The problem is that I can't find an online retailer anywhere that has a IRNS model. I did contact Teknatool about the listing and they are going to address it.

I have a feeling that you are right on the shoulder, that's the only reason I can think that the 1221 would not be supported on the IDNS model. My hope is that the IDNS will work until I can find a IRNS, then I just sell the IDNS.


----------



## LeeMills (Nov 2, 2014)

This may not be the exact one you need (they come in different thickness and outside diameters) but I use them on my lathes in place of the plastic washers to prevent chucks from getting jammed on. It is almost impossible to jam the washer to the headstock and the chuck to the washer at the same time.
This advert does not say but I believe it is to max .002 flatness.
The place that sells Hurricane products carries similar to fit the PM 90's.
https://www.amazon.com/Koyo-TRC-1625-Thrust-Roller-Bearing/dp/B006KT38PO/ref=sr_1_15?ie=UTF8&qid=1536582040&sr=8-15&keywords=Koyo+Thrust+Roller+Bearing


----------



## RPhillips (May 16, 2013)

Ok so I got the chuck the other day and I fitted it onto the lathe… It seems to fit without any issue. The insert goes fully to rest against the mating face of the spindle. Other than not having a set screw, its seems perfect. So why is there a dedicated model specifically for the Jet 1221?

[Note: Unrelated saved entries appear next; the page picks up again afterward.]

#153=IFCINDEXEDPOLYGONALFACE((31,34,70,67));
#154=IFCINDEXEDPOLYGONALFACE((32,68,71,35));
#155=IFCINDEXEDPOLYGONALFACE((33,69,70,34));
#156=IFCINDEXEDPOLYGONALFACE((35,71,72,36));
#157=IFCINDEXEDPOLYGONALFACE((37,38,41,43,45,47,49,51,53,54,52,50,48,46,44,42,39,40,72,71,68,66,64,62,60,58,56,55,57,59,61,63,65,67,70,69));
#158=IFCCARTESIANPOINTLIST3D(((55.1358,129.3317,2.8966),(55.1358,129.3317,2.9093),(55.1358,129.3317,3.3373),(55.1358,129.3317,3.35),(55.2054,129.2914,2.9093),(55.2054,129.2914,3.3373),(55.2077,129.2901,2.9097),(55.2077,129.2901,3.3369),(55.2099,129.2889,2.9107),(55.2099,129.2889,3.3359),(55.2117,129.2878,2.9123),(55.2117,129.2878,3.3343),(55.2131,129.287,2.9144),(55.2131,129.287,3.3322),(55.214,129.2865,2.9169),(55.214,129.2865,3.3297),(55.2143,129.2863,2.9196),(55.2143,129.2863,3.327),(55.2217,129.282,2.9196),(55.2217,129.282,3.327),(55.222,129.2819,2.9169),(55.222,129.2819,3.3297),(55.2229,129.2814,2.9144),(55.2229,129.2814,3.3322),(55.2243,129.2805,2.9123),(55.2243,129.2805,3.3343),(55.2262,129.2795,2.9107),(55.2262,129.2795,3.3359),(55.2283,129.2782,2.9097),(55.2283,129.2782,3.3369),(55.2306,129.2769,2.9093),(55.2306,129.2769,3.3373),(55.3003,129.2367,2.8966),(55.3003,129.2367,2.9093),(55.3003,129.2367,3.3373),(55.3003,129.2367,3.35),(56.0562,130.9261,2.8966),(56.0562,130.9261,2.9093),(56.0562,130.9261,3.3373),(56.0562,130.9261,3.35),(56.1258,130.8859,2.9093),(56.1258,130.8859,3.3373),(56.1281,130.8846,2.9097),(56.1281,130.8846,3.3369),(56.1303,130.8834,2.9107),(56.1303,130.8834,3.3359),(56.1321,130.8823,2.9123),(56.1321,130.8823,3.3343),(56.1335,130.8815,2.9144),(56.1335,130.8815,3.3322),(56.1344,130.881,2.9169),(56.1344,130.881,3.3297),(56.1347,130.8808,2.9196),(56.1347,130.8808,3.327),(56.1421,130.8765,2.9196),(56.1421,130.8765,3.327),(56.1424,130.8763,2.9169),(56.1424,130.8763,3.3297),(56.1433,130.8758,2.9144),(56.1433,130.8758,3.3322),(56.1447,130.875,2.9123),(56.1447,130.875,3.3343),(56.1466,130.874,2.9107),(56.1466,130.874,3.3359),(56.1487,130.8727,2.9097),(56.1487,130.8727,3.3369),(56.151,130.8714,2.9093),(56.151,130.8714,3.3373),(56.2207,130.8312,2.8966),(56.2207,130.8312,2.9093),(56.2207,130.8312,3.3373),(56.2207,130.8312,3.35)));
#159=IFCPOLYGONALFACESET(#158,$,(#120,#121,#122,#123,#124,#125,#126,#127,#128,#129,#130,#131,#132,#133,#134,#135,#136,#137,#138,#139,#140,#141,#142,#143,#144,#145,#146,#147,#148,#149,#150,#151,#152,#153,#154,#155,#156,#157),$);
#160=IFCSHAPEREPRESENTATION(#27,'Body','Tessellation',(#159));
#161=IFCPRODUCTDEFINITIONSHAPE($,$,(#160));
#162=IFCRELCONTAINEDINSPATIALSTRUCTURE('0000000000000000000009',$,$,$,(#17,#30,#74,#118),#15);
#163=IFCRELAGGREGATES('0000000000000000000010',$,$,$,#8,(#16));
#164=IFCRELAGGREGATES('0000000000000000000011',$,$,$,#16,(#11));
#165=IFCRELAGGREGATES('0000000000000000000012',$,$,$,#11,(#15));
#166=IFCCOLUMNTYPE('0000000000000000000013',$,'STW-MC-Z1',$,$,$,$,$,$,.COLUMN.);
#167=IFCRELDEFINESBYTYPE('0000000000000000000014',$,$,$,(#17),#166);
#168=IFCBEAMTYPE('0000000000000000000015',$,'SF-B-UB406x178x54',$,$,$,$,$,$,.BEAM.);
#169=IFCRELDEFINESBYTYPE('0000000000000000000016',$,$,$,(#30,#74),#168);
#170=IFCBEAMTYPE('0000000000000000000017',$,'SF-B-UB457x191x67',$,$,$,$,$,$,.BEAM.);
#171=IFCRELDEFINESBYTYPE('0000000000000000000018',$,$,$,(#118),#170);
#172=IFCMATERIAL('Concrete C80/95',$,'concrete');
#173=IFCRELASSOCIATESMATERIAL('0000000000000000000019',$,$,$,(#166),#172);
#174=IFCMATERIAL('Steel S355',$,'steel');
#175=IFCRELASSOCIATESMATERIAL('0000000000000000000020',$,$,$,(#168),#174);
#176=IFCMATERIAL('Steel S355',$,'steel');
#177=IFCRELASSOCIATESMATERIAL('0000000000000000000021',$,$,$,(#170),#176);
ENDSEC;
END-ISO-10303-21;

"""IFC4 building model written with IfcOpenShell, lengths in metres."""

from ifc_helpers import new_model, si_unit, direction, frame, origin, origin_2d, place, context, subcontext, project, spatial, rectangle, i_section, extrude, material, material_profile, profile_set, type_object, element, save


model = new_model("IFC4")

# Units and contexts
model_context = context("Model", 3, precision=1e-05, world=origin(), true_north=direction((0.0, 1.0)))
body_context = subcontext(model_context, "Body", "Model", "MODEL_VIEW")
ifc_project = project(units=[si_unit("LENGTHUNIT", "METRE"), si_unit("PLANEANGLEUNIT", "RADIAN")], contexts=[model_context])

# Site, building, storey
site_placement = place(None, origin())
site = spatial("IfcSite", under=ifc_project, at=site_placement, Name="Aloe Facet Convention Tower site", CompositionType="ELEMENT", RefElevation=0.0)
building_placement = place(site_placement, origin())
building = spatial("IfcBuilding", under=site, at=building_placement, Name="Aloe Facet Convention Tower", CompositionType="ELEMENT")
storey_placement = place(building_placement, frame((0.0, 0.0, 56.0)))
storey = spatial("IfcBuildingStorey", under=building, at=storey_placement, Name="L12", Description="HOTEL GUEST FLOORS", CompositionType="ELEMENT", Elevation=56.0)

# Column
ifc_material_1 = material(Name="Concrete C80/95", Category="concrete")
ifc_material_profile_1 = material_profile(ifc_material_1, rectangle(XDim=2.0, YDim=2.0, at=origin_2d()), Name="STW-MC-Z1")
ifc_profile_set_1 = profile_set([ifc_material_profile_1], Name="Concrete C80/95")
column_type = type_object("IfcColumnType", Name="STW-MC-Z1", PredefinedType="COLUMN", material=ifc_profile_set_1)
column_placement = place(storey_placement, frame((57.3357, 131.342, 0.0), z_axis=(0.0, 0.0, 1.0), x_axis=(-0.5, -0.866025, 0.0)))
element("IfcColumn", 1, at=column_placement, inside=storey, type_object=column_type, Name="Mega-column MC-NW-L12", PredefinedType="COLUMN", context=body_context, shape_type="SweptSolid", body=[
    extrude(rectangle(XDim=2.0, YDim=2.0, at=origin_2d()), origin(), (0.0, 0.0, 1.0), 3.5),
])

Anyone have a 1221vs with a IRNS insert? I wonder if this screw up on Teknatools website goes deeper than just a slight mixup.

Lee, thanks for the link. Ill check into it.


----------



## Nubsnstubs (Aug 30, 2013)

If you have reverse on your lathe, and will be turning in reverse, you can drill out your insert and tap it. The set screw should be a M6 - 1 x 1/4"(6mm) and the drill used is a #9. It's easier than you think and takes under 10 minutes total time to do. The tap cost about $5 and then add the cost of the drill bit. .......... Jerry (in Tucson)


----------



## RPhillips (May 16, 2013)

Thanks for the tip Jerry, I plan to do exactly that now that I know the insert fits properly.

I'm still curious if anyone owns an IRNS insert for their Jet 1221.


----------